# OZ Superleggera vs Ultraleggera



## projektilski (Dec 14, 2010)

I'm owner of 18" 5x112 ET35 Superleggera wheels. The only problem I have, is that they look like Ultraleggera, not Superleggera. Is this possible?


----------



## are you awake (May 19, 2005)

interesting, they are stamped super but those are definitely ultras


----------



## JettaGT8V80 (Jun 12, 2003)

how odd 

i opened the thread and instantly said those are ultaleggera :screwy:


----------



## projektilski (Dec 14, 2010)

I thought they are fake, but never heard of fake OZ wheel and they are really light, much lighter then another set of 18" VW Detroits I have. 

--
Sent via mobile


----------



## 4ceFed4 (Apr 3, 2002)

Where did you get those from?

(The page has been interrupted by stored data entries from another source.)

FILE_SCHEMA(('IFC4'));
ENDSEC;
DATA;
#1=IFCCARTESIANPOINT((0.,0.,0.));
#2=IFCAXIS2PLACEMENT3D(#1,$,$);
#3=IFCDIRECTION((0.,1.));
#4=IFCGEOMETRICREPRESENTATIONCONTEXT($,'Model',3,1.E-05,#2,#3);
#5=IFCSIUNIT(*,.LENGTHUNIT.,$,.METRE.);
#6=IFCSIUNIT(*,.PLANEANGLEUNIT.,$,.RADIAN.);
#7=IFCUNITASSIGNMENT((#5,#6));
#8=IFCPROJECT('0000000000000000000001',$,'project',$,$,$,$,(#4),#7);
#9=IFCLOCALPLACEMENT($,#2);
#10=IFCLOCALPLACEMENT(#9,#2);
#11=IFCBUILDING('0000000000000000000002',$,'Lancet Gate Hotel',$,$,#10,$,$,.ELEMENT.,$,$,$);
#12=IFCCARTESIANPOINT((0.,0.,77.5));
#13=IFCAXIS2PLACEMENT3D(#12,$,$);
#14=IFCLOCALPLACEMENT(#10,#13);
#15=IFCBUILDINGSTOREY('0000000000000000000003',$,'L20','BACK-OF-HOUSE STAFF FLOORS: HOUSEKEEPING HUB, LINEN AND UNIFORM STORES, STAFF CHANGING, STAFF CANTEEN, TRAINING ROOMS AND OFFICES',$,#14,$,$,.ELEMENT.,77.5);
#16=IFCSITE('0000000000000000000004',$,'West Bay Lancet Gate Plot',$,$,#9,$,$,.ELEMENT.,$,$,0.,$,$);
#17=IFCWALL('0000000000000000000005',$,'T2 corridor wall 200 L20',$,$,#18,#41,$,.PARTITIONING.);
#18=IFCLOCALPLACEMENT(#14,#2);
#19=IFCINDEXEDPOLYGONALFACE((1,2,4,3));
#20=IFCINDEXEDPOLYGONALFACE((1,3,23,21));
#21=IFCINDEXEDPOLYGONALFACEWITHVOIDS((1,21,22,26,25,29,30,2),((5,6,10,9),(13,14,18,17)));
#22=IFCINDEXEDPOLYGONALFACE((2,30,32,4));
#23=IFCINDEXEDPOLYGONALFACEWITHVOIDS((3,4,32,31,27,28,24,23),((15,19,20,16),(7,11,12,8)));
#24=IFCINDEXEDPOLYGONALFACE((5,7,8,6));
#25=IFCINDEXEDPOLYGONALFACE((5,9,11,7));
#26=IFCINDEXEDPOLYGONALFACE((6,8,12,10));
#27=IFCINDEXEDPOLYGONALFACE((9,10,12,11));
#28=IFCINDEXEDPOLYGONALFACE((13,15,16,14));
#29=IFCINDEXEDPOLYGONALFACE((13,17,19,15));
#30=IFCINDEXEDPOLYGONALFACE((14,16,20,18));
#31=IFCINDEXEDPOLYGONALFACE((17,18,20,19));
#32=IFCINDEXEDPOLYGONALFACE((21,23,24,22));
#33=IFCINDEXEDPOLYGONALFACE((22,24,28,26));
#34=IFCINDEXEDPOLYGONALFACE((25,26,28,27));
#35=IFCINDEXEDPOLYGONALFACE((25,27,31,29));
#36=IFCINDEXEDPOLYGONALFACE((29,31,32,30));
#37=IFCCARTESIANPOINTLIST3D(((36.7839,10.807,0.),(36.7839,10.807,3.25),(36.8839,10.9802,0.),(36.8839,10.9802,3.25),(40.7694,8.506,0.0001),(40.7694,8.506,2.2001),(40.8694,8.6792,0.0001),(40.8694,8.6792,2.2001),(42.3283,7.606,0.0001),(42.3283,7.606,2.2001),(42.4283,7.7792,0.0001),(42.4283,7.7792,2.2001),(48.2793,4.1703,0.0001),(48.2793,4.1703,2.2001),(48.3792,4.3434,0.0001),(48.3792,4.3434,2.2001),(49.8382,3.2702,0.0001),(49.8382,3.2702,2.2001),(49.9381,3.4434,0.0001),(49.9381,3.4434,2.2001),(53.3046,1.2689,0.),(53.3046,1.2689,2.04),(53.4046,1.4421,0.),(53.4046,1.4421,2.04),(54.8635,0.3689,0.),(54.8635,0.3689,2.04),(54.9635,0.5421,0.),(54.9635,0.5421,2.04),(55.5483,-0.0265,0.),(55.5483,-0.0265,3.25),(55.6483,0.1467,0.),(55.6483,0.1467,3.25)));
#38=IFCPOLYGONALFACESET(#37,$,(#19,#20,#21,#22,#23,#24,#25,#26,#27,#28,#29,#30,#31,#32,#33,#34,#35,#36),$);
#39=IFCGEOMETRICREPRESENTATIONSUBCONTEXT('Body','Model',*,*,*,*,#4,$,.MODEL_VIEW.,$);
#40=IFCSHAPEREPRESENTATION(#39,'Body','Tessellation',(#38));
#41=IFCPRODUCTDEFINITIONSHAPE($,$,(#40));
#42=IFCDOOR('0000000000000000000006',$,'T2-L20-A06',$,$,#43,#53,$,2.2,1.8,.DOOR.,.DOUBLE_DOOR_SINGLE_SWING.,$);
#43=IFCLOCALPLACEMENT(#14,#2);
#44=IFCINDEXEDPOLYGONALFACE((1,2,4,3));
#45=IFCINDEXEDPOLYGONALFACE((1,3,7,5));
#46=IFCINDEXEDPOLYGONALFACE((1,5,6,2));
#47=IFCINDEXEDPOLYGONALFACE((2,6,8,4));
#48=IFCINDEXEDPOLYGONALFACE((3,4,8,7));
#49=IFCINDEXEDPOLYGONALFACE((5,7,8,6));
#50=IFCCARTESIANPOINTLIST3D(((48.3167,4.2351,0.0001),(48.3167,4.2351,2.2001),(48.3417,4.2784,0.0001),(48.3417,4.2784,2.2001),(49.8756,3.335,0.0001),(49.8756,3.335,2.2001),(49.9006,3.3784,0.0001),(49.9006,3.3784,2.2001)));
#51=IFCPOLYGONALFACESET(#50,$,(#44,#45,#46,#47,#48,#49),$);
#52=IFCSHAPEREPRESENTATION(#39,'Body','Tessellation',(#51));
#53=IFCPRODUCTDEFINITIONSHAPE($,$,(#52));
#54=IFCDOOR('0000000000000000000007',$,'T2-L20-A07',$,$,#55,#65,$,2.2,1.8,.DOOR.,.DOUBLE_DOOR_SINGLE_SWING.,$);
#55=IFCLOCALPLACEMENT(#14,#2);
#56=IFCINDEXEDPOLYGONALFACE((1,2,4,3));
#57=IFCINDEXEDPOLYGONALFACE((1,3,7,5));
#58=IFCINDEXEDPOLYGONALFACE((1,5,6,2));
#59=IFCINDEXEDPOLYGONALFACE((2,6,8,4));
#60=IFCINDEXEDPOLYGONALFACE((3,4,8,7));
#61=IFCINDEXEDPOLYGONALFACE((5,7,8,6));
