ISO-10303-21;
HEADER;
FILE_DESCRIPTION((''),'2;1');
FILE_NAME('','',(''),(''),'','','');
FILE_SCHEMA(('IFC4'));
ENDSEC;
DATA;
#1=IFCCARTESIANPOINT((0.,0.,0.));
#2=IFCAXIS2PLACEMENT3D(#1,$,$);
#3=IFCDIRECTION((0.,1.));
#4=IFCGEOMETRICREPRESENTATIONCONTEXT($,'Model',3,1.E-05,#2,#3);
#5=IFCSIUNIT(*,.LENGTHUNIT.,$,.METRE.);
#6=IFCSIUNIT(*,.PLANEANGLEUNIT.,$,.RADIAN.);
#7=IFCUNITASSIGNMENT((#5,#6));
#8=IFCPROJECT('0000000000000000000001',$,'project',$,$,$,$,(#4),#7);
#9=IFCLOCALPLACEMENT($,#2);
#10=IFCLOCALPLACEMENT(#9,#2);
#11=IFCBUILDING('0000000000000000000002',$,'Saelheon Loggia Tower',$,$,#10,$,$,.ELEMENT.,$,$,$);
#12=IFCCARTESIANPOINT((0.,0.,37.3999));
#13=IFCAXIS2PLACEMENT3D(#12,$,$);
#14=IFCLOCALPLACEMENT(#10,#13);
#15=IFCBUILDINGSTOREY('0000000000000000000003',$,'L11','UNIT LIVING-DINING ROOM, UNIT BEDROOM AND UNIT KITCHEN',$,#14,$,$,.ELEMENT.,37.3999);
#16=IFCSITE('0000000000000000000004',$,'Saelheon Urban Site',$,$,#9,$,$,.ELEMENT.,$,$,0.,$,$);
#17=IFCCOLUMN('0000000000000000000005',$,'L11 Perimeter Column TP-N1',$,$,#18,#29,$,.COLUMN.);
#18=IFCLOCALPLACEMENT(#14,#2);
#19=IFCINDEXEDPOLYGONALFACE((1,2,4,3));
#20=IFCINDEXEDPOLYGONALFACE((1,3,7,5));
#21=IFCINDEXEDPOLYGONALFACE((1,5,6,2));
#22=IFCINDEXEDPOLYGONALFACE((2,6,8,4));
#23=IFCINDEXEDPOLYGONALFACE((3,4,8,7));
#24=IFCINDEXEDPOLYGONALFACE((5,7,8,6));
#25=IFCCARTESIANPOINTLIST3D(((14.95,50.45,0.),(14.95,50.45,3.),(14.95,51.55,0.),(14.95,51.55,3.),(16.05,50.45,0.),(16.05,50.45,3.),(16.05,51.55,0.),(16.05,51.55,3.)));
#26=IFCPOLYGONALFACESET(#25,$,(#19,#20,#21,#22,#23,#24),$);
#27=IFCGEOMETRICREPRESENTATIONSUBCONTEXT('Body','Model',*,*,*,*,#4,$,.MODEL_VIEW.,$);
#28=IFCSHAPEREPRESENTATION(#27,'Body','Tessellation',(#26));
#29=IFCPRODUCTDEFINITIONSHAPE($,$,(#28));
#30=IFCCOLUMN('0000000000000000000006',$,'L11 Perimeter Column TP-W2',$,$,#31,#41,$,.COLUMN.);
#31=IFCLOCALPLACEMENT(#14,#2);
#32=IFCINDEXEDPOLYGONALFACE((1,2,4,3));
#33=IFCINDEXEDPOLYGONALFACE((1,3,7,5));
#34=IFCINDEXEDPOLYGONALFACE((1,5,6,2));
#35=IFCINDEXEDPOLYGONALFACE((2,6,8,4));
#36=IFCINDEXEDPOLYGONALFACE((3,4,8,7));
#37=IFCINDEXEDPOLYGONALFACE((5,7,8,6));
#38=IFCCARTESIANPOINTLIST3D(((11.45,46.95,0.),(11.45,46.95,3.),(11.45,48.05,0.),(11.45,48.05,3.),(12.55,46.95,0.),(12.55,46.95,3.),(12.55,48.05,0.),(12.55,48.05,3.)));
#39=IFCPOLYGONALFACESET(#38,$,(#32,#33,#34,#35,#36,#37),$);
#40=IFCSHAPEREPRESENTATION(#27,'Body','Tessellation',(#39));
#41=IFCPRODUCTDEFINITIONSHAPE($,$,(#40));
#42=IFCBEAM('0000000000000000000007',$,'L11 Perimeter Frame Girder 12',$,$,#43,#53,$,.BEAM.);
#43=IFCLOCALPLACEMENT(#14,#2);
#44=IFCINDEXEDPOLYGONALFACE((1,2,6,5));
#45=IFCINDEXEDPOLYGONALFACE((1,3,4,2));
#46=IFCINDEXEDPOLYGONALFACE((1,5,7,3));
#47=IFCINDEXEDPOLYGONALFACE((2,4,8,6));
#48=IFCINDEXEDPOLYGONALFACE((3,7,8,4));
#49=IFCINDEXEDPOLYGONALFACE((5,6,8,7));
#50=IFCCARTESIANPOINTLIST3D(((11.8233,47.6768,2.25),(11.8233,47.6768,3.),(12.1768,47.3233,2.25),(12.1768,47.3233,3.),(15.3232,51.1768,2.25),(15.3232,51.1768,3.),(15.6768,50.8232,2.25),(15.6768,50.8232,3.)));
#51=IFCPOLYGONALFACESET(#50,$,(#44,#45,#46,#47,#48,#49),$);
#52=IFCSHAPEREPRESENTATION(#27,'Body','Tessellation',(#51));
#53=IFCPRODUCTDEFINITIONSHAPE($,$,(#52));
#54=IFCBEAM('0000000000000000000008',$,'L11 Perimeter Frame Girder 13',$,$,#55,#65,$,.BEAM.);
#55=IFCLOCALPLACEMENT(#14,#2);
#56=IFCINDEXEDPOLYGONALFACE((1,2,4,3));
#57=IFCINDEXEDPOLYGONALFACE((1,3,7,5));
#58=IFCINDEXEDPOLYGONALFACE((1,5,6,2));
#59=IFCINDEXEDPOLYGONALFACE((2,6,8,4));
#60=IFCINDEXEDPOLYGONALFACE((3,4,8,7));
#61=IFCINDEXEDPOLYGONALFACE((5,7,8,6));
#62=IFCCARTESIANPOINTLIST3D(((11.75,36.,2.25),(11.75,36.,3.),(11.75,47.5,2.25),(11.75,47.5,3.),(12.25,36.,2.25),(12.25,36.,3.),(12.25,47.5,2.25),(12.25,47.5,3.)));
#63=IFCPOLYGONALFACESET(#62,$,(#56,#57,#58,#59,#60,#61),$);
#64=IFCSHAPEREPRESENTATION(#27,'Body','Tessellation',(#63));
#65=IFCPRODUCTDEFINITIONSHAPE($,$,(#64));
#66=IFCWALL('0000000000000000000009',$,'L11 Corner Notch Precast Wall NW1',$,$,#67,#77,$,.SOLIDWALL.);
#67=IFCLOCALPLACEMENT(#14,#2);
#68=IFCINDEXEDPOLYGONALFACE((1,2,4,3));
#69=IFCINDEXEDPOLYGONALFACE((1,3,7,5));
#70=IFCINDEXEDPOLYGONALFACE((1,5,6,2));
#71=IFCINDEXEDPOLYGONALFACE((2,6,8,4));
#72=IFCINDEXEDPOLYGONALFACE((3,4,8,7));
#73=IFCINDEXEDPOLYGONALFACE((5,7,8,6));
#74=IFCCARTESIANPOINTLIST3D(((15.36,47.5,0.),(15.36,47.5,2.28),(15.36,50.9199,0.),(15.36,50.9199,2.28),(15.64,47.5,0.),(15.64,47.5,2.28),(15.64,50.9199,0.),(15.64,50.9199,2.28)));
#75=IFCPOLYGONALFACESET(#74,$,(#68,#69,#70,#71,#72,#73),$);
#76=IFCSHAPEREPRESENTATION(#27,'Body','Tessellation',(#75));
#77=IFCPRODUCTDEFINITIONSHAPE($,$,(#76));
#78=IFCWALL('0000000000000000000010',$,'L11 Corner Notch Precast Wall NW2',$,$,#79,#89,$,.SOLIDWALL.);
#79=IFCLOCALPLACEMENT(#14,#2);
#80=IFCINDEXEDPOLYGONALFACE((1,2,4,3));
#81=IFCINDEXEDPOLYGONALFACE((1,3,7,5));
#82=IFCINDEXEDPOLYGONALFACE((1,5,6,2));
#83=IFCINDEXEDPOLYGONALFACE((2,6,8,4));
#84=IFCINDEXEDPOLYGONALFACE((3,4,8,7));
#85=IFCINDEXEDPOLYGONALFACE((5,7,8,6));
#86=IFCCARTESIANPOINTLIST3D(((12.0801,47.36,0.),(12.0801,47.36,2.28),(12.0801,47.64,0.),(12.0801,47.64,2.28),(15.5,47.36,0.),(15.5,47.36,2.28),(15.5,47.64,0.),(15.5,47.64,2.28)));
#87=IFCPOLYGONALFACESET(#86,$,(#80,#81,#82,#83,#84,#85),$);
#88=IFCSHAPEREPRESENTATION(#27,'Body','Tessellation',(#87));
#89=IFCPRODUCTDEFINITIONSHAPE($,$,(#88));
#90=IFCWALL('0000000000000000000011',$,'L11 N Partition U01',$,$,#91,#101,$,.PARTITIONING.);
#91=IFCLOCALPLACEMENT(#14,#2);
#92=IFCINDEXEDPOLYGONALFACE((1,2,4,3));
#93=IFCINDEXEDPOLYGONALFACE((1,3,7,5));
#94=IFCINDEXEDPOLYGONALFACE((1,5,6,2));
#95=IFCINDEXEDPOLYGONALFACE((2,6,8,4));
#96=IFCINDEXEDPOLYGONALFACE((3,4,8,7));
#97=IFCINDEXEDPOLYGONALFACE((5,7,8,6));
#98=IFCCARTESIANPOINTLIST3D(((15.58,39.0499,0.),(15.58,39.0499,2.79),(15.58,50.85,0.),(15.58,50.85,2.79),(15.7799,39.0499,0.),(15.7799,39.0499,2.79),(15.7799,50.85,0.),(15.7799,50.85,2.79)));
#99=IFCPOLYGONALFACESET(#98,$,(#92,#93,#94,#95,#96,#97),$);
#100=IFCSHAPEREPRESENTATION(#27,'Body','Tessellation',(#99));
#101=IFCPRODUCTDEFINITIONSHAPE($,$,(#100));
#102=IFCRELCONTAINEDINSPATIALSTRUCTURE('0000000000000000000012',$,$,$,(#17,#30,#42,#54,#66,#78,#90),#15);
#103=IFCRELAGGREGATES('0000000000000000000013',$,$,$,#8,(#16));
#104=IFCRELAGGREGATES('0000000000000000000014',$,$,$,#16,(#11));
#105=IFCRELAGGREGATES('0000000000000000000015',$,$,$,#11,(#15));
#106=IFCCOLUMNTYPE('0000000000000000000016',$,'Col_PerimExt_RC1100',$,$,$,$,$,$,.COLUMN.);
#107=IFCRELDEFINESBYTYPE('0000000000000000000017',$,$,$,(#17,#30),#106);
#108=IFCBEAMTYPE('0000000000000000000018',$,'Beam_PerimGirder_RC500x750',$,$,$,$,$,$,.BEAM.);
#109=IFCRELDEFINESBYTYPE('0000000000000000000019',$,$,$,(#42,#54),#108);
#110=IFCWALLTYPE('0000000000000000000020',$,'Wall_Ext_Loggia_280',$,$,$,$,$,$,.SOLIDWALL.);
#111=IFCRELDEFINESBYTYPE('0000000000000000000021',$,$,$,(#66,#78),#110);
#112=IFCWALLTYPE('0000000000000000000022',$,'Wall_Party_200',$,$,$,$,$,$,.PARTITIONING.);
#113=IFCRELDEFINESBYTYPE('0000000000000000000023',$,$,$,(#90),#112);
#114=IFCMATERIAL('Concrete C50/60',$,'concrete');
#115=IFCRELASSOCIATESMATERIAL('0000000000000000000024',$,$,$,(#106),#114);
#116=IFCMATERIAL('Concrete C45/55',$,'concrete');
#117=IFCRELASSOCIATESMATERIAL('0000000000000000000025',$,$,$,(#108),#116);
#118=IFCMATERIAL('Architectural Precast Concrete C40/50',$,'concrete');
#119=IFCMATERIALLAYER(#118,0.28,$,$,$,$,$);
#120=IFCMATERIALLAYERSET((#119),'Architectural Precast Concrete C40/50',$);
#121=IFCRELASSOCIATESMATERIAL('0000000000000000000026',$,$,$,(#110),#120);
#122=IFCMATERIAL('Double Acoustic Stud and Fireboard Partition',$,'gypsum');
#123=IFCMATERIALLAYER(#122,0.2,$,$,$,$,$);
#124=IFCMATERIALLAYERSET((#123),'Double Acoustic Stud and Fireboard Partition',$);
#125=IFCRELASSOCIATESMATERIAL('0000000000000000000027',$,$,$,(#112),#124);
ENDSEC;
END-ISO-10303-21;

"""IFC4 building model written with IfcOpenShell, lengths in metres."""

from ifc_helpers import new_model, si_unit, direction, frame, frame_2d, origin, origin_2d, place, context, subcontext, project, spatial, rectangle, extrude, source, transform, mapped, material, layer, layer_set, material_profile, profile_set, type_object, element, save


model = new_model("IFC4")

# Units and contexts
model_context = context("Model", 3, precision=1e-05, world=origin(), true_north=direction((0.0, 1.0)))
body_context = subcontext(model_context, "Body", "Model", "MODEL_VIEW")
ifc_project = project(units=[si_unit("LENGTHUNIT", "METRE"), si_unit("PLANEANGLEUNIT", "RADIAN")], contexts=[model_context])

# Site, building, storey
site_placement = place(None, origin())
site = spatial("IfcSite", under=ifc_project, at=site_placement, Name="Saelheon Urban Site", CompositionType="ELEMENT", RefElevation=0.0)
building_placement = place(site_placement, origin())
building = spatial("IfcBuilding", under=site, at=building_placement, Name="Saelheon Loggia Tower", CompositionType="ELEMENT")
storey_placement = place(building_placement, frame((0.0, 0.0, 37.3999)))
storey = spatial("IfcBuildingStorey", under=building, at=storey_placement, Name="L11", Description="UNIT LIVING-DINING ROOM, UNIT BEDROOM AND UNIT KITCHEN", CompositionType="ELEMENT", Elevation=37.3999)

# Columns
ifc_material_1 = material(Name="Concrete C50/60", Category="concrete")
ifc_material_profile_1 = material_profile(ifc_material_1, rectangle(XDim=1.1001, YDim=1.1001, at=origin_2d()), Name="RC-1100x1100")
ifc_profile_set_1 = profile_set([ifc_material_profile_1], Name="Concrete C50/60")
column_type = type_object("IfcColumnType", Name="Col_PerimExt_RC1100", PredefinedType="COLUMN", material=ifc_profile_set_1)
shared_shape_1 = source(origin(), body_context, "Body", "SweptSolid", [
    extrude(rectangle(XDim=1.1001, YDim=1.1001, at=origin_2d()), origin(), (0.0, 0.0, 1.0), 3.0),
])
for number, where, z_axis, x_axis, name in (
    (1, (15.5, 51.0, 0.0), (0.0, 0.0, 1.0), (1.0, 0.0, 0.0), "L11 Perimeter Column TP-N1"),
    (2, (12.0, 47.5, 0.0), (0.0, 0.0, 1.0), (1.0, 0.0, 0.0), "L11 Perimeter Column TP-W2"),
):
    element("IfcColumn", number, at=place(storey_placement, frame(where, z_axis=z_axis, x_axis=x_axis)), inside=storey, type_object=column_type, Name=name, PredefinedType="COLUMN", context=body_context, shape_type="MappedRepresentation", body=[
        mapped(shared_shape_1, transform((0.0, 0.0, 0.0), scale=1.0)),
    ])

# Beams
ifc_material_2 = material(Name="Concrete C45/55", Category="concrete")
ifc_material_profile_2 = material_profile(ifc_material_2, rectangle(XDim=0.5, YDim=0.75, at=origin_2d()), Name="RC-500x750")
ifc_profile_set_2 = profile_set([ifc_material_profile_2], Name="Concrete C45/55")
beam_type = type_object("IfcBeamType", Name="Beam_PerimGirder_RC500x750", PredefinedType="BEAM", material=ifc_profile_set_2)
shared_shape_2 = source(origin(), body_context, "Body", "SweptSolid", [
    extrude(rectangle(XDim=0.5, YDim=0.75, at=origin_2d()), origin(), (0.0, 0.0, 1.0), 4.9497),
])
beam_1_placement = place(storey_placement, frame((15.5, 51.0, 2.625), z_axis=(-0.707107, -0.707107, 0.0), x_axis=(0.707107, -0.707107, 0.0)))
element("IfcBeam", 3, at=beam_1_placement, inside=storey, type_object=beam_type, Name="L11 Perimeter Frame Girder 12", PredefinedType="BEAM", context=body_context, shape_type="MappedRepresentation", body=[
    mapped(shared_shape_2, transform((0.0, 0.0, 0.0), scale=1.0)),
])
shared_shape_3 = source(origin(), body_context, "Body", "SweptSolid", [
    extrude(rectangle(XDim=0.5, YDim=0.75, at=origin_2d()), origin(), (0.0, 0.0, 1.0), 11.5),
])
beam_2_placement = place(storey_placement, frame((12.0, 47.5, 2.625), z_axis=(0.0, -1.0, 0.0), x_axis=(1.0, 0.0, 0.0)))
element("IfcBeam", 4, at=beam_2_placement, inside=storey, type_object=beam_type, Name="L11 Perimeter Frame Girder 13", PredefinedType="BEAM", context=body_context, shape_type="MappedRepresentation", body=[
    mapped(shared_shape_3, transform((0.0, 0.0, 0.0), scale=1.0)),
])

# Shared definitions
ifc_material_3 = material(Name="Architectural Precast Concrete C40/50", Category="concrete")
ifc_layer_1 = layer(ifc_material_3, 0.28)
ifc_layer_set_1 = layer_set([ifc_layer_1], Name="Architectural Precast Concrete C40/50")
wall_type_1 = type_object("IfcWallType", Name="Wall_Ext_Loggia_280", PredefinedType="SOLIDWALL", material=ifc_layer_set_1)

Definitely Ultraleggeras.


----------



## projektilski (Dec 14, 2010)

4ceFed4 said:


> Where did you get those from? Definitely Ultraleggeras.


Bought them used.


----------



## antonijabijuklic (Jul 4, 2015)

projektilski said:


> 4ceFed4 said:
> 
> 
> > Where did you get those from? Definitely Ultraleggeras.
> ...


Is this misery solved.. 
I have the same problem


----------